6. The reduction factor allows you to simplify the mesh, resulting in a much smaller file size and faster rendering on slow hardware. This stage uses [Sven Forstmann's](https://github.com/sp4cerat/Fast-Quadric-Mesh-Simplification) simplification method which is [adaptive](http://www.alecjacobson.com/weblog/?p=4444), using smaller triangles in regions of curvature and large triangles in flat regions. Choosing a value of `-r 0.15` will eliminate 85% of the triangles. Notice how similar the top row appears, while the bottom row illustrates a dramatic reduction in complexity.

```
nii2mesh bet.nii.gz -r 0.5 r50.ply
nii2mesh bet.nii.gz -r 0.15 r15.ply
```

![Influence of r 0.5 vs r 0.15](r50r15.jpg)

## Atlases

Atlases identify different discrete brain regions, such as [Brodmann Area](https://en.wikipedia.org/wiki/Brodmann_area). Most NIfTI atlases store each voxel intensity as an integer, identifying the region. Here, we consider this [example dataset](https://afni.nimh.nih.gov/pub/dist/doc/htmldoc/nonhuman/macaque_tempatl/atlas_d99v2.html). The nii2mesh `-a 1` argument is similar to the AFNI isosurface [`-isorois`](https://afni.nimh.nih.gov/pub/dist/doc/program_help/IsoSurface.html) option, to create an isosurface for each unique value in the input volume.
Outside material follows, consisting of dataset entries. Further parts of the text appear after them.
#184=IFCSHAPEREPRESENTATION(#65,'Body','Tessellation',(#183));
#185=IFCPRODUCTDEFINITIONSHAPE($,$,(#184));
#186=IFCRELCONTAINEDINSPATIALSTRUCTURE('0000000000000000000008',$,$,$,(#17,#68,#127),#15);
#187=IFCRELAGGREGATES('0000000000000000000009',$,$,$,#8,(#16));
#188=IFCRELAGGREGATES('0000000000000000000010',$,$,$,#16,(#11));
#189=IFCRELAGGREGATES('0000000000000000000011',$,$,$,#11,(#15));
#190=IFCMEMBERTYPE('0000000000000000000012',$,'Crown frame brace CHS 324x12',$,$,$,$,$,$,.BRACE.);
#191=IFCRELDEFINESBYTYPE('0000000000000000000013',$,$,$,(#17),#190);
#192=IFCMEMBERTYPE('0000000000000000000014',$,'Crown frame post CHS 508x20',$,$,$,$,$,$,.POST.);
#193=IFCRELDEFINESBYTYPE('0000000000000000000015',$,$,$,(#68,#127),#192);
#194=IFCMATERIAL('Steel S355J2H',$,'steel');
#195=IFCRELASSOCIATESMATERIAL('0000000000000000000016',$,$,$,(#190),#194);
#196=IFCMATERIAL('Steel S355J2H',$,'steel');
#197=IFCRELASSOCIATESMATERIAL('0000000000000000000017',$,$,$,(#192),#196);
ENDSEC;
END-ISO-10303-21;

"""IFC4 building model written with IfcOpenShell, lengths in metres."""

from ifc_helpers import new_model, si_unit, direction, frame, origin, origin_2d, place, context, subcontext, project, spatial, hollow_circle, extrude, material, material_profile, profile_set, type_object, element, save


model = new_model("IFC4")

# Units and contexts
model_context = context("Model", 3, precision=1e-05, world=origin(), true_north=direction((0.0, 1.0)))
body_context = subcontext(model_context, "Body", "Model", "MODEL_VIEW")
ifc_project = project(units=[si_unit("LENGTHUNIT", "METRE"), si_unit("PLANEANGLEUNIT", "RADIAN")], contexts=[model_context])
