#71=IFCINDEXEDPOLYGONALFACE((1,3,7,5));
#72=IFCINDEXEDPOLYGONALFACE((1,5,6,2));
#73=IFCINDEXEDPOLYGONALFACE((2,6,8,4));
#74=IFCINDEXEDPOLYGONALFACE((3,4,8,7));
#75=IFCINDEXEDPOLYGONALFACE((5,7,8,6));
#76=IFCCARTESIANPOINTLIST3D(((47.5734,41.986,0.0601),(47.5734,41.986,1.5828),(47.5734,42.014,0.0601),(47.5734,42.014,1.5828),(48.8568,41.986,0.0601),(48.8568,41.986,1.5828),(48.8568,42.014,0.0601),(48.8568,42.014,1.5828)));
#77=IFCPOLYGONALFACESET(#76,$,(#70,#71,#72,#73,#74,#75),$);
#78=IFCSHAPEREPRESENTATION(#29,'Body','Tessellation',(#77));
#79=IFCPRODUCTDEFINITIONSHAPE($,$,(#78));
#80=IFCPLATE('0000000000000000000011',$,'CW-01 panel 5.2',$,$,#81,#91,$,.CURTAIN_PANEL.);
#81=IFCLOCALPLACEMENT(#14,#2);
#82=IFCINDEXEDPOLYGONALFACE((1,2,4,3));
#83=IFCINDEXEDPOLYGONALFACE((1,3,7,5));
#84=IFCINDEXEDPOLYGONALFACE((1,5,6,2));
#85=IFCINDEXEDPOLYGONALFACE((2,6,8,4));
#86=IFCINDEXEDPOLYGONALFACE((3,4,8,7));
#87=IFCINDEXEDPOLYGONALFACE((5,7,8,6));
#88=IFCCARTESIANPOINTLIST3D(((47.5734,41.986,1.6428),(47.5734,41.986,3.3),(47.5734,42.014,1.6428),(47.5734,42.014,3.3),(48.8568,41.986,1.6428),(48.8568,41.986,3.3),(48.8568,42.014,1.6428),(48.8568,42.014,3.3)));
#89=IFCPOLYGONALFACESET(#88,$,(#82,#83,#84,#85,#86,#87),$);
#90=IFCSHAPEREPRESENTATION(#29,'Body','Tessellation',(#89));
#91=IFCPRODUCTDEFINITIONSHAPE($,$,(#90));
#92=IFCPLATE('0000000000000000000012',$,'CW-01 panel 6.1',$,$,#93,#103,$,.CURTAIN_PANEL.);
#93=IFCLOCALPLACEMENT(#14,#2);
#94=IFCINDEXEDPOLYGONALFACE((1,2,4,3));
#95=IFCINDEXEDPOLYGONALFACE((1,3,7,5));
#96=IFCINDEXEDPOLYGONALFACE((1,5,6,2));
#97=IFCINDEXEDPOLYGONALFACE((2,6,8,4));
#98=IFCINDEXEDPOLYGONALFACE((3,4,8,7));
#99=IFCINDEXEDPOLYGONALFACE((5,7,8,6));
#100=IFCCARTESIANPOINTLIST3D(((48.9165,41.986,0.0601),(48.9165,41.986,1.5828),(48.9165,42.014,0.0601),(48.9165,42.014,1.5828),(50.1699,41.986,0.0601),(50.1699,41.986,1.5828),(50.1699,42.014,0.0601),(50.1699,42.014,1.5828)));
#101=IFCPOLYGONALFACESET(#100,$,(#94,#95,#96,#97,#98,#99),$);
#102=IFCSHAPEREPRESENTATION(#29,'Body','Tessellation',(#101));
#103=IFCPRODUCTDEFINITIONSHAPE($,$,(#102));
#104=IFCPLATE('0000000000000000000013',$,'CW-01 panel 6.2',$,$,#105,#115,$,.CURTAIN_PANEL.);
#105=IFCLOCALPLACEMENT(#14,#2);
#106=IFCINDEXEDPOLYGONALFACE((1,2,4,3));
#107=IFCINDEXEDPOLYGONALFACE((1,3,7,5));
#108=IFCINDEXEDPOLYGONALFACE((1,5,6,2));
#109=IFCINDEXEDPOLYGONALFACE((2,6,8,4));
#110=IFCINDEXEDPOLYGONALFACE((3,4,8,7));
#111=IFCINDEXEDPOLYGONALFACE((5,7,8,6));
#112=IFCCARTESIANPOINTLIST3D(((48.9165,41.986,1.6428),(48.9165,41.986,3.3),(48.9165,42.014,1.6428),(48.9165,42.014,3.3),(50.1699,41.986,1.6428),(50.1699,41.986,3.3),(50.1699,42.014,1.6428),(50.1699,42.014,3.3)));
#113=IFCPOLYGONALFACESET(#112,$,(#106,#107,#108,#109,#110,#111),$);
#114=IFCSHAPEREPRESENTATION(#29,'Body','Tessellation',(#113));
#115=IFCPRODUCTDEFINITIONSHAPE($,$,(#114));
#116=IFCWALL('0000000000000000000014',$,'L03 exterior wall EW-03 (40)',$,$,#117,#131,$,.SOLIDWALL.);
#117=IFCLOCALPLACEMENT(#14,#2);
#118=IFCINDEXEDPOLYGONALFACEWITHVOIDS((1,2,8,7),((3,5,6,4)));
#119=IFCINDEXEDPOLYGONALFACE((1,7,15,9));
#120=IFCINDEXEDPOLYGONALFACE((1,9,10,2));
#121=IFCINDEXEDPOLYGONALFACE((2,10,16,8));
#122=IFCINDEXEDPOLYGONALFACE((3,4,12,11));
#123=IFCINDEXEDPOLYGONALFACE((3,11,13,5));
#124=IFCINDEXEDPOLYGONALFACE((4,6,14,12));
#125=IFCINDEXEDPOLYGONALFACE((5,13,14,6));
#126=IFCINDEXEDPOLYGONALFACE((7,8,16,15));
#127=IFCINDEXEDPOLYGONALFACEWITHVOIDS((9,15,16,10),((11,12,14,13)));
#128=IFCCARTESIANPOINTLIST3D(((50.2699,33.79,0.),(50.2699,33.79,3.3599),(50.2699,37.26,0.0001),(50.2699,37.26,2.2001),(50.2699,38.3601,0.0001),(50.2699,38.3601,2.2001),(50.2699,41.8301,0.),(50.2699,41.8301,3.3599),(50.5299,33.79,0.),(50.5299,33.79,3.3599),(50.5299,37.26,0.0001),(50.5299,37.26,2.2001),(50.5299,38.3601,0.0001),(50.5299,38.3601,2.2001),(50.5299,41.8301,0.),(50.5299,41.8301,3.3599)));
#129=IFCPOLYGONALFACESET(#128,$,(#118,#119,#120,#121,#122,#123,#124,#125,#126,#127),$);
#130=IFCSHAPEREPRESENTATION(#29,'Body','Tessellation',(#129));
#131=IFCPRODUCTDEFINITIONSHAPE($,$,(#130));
The simplest usage would be:

```
nii2mesh D99_atlas_v2.0_right.nii.gz -a 1 D99.gii
```

Note that the presmooth may slightly erode very small or thin regions. If this is undesirable, you could turn off the pre-smoothing and consider applying a small amount of smoothing after the mesh is created:

```
nii2mesh D99_atlas_v2.0_right.nii.gz -p 0 -s 10 -a 1 D99s10roi.mz3
```

Alternatively, you can provide the file name for a semicolon delimited text file. The format should have the index number in the first column, and the nickname in the second column. Consider the provided example file `D99_v2.0_labels_semicolon.txt`:

```
1;pu;putamen;Basal ganglia;Striatum
2;cd;caudate nucleus;Basal ganglia;Striatum
3;NA;nucleus accumbens;Basal ganglia;Striatum_ventral striatum
...
```

We could use this with the command:

```
nii2mesh D99_atlas_v2.0_right.nii.gz -a D99_v2.0_labels_semicolon.txt D99_.gii
```

with the resulting meshes have the file names `D99_pu.k1.gii`, `D99_cd.k2.gii`, etc.

## Supported Mesh Formats

nii2mesh can save meshes to the GIfTI (.gii), json, jmsh, mz3, obj, off, ply, FreeSurfer (.pial), stl, vtk. [MeshLab](https://www.meshlab.net) can export meshes to many other formats. Therefore, one option is to create a PLY mesh with nii2mesh and use MeshLab to export to your favorite format.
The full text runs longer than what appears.